Grünke bowmaking Germany
Klaus Grünke
This is a cello bow in the style of Nikolai Kittel, made by the German bowmaker Klaus Grünke in the Grünke family workshop in Beubenruth.
- Stamped: KLAUS GRUNKE
- weight: 80 grams fully haired
- round stick of dark orange brown Pernambuco
- ebony frog with Parisian eye of silver ring and mother-of-pearl center
- three-part silver and ebony button
- fine leather grip and silver windings
Klaus Grünke learned the craft of bow making from 1975 – 1978 with his father Richard Grünke in Bubenreuth. He received important impulses for his further professional career in the years 1980 – 1982 at the H. Weisshaar workshop in Los Angeles, where he devoted himself intensively to the restoration and study of old bows. After returning to Bubenreuth, he began working in his father’s workshop, where he made bows in his own model under his own name. His basic models are based on models by D. Peccatte and F.N. Voirin, and after intensive study, his bows in this model of selected Kittel bows have been very popular for years.
At the beginning of his professional career, he participated very successfully in several international competitions and was subsequently appointed as a jury member in many competitions.
In addition to his work as a bow maker, Klaus Grünke is also very intensively involved with various theoretical aspects of his profession. In 2000, together with his colleagues Hans Karl Schmidt and Wolfgang Zunterer, he wrote and published the encyclopaedic work “German Bowmakers”. This work was followed in 2011 by a comprehensive publication on “The Bows of Nikolai Kittel”, which he published together with his colleagues Josef Gabriel and Yung Chin.

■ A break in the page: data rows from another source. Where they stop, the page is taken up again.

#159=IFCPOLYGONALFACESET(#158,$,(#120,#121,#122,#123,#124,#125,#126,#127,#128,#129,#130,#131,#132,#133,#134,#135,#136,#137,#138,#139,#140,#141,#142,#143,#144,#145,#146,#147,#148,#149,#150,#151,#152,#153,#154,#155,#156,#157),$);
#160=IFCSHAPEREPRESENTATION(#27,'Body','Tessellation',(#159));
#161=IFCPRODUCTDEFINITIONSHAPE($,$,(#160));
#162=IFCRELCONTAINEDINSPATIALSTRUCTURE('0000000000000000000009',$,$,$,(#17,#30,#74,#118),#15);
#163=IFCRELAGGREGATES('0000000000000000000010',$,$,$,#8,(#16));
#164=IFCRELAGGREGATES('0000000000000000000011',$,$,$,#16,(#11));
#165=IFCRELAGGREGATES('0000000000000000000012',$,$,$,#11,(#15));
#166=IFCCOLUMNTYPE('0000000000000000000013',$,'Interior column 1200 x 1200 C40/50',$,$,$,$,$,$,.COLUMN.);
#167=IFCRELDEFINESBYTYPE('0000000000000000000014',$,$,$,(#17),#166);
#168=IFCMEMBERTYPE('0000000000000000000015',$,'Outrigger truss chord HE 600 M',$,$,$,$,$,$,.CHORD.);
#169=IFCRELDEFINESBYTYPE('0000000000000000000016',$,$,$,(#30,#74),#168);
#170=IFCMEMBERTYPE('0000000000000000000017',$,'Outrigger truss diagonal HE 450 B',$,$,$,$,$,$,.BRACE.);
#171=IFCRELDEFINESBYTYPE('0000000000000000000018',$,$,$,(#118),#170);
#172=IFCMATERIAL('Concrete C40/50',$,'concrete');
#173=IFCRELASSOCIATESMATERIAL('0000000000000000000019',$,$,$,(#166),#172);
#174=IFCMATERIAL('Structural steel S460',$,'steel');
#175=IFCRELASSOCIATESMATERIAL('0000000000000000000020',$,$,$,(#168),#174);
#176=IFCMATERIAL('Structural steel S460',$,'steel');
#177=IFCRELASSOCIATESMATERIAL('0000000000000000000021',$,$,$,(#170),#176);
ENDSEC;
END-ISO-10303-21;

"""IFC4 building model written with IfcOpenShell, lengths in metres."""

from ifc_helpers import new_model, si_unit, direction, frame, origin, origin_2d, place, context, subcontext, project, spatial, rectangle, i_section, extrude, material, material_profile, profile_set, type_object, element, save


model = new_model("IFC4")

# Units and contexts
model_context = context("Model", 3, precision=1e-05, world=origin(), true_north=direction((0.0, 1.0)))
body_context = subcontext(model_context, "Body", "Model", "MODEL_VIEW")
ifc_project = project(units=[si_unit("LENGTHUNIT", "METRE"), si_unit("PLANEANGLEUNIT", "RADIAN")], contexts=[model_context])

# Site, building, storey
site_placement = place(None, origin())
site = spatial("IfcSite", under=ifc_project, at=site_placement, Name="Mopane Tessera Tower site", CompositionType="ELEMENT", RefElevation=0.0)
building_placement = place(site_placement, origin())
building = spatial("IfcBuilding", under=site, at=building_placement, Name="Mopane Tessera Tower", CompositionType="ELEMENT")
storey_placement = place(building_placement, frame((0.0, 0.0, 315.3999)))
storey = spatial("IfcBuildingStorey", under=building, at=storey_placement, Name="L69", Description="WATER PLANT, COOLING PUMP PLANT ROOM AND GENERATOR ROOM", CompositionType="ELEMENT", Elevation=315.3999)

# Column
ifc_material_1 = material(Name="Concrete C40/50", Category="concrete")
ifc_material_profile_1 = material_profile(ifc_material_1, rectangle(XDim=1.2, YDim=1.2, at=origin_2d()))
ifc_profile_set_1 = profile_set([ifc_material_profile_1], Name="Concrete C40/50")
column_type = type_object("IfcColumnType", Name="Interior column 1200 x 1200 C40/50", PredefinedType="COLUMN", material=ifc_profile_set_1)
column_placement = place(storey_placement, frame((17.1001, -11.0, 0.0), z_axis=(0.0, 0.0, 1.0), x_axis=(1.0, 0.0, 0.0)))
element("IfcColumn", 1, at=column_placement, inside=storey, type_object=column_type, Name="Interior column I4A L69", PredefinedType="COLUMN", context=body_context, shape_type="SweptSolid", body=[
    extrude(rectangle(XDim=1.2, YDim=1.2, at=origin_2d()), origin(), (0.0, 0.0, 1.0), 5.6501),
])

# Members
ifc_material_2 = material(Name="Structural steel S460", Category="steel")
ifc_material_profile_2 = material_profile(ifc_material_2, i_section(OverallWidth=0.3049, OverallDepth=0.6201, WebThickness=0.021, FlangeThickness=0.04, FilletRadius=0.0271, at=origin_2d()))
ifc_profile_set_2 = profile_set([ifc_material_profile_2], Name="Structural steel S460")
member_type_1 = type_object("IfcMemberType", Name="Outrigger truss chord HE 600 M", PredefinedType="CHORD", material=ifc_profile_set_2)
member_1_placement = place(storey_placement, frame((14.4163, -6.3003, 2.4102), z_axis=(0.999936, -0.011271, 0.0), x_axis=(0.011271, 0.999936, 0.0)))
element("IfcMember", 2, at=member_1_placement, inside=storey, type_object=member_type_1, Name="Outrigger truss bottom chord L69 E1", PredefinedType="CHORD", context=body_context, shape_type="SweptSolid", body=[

Klaus Grünke is a member of the Verband Deutscher Geigenbauer und Bogenmacher e.V. ( VDG) and the renowned international violin and bow makers’ association EILA, Entente International de Luthiers et Archetiers.
He also plays an active and leading role in the IPCI, International Pernambuco Conservation Initiative, which was founded by bow makers from all over the world in Paris in 2001. The aim of this organization is the protection and replanting of the rare pernambuco tree, which is indispensable for bow making, as well as the introduction of sustainable use.